# those E3 pics show us more than you think



## bloodbend3r (Jun 17, 2010)

here are all 7 pics in one:
<div class='spoiler_toggle'>Spoiler: click to toggle</div><div class="spoiler" style="display:none;">
	

	
	
		
		

		
			





</div>

i'm a huge Animal Crossing fan, and as such, have been closely examining those pics trying to find anything "hidden". i will add to this list to prevent "repeats".
*Pic 1:*
bushes around character's house
new trees
four leaf clover (behind shovel)

*Pic 2:*
bench and lampost (possible town decorations that can be placed anywhere)

*Pic 3:*
cliffs are back
sideways beach?

*Pic 4:*
in the top left on the horizon, you can see some dark green "shapes", which i believe to be *bushes bearing fruit*!

*Pics 5 & 6:*
both feature furniture of the same set for some reason
text box changed

*Pic 7:*
place objects on top of things (not limited to just tables)

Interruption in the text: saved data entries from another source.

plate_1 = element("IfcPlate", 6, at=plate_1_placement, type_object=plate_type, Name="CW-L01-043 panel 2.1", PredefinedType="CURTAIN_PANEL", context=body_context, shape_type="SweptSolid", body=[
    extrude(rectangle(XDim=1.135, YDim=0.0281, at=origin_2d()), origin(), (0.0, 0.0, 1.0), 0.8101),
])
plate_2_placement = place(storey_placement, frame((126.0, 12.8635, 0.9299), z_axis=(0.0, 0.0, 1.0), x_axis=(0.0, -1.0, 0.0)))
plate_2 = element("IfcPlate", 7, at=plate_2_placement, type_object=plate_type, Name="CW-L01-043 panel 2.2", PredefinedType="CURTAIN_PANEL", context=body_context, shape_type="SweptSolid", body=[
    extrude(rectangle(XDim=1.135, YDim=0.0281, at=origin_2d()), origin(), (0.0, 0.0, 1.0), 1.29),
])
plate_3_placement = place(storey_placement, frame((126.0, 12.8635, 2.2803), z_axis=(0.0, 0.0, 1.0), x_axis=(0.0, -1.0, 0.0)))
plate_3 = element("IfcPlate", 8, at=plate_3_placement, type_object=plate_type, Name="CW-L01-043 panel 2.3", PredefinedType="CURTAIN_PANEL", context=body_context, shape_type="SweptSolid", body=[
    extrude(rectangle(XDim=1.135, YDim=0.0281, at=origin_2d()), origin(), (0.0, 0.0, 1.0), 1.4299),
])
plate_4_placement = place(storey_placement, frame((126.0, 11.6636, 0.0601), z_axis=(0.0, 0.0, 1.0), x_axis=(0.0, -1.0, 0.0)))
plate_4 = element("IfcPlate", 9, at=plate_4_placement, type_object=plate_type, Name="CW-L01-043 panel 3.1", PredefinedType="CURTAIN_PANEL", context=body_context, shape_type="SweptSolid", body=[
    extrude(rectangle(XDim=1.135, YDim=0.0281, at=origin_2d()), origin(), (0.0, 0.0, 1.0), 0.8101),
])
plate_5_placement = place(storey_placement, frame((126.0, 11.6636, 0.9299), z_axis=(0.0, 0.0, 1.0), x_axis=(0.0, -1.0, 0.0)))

As for the characters themselves:
-short and long sleeved shirts
-girls can switch between a dress, shirt+skirt, shirt+pants (pic 6)
-in pic 7, girl is wearing a dress with a belt. maybe this means accesories can be added to the body, and not just the head.
-boys have socks, girls have stockings
-shoes can change color

Can you spot anything i might have missed?


----------



## Say Whaaaaa (Jun 17, 2010)

The text box

The beach location


----------



## Nixie (Jun 17, 2010)

OMG! Now that you said it, I see it now! ;D

It looks they listened to the suggestions after all! :3


----------



## Ciaran (Jun 17, 2010)

Will this make up for city folk??

I really like the new trees.


----------



## Jake (Jun 18, 2010)

In picture one I see something behind the Shovel (Could be a weed?)
And in picture 7 someone pointed out that you can place items on Wardrobes.


----------



## JasonBurrows (Jun 18, 2010)

I just hope the eroding grass isn't in this awesome looking one as City Folk would've been great without that.


----------



## Ciaran (Jun 18, 2010)

SERIOUSLY NINTENDO ADD NEW VILLAGER PERSONALITIES AND AND NEW NON-VILLAGER CHARACTERS AND SOME FUN HOLIDAYS AND WORK ON THE ANIMAL MODELS AND YOUVE SOLD ME!


----------



## ExoticSilver77 (Jun 18, 2010)

Does anyone not like the idea of this game going on the 3DS? I am not a fan of 3D technology.. and I don't want to have to need to buy that gaming system just to play this game.. I'm excited about it already and it looks amazing and so pretty!


----------



## Jarv156 (Jun 18, 2010)

JasonBurrows said:
			
		

> I just hope the eroding grass isn't in this awesome looking one as City Folk would've been great without that.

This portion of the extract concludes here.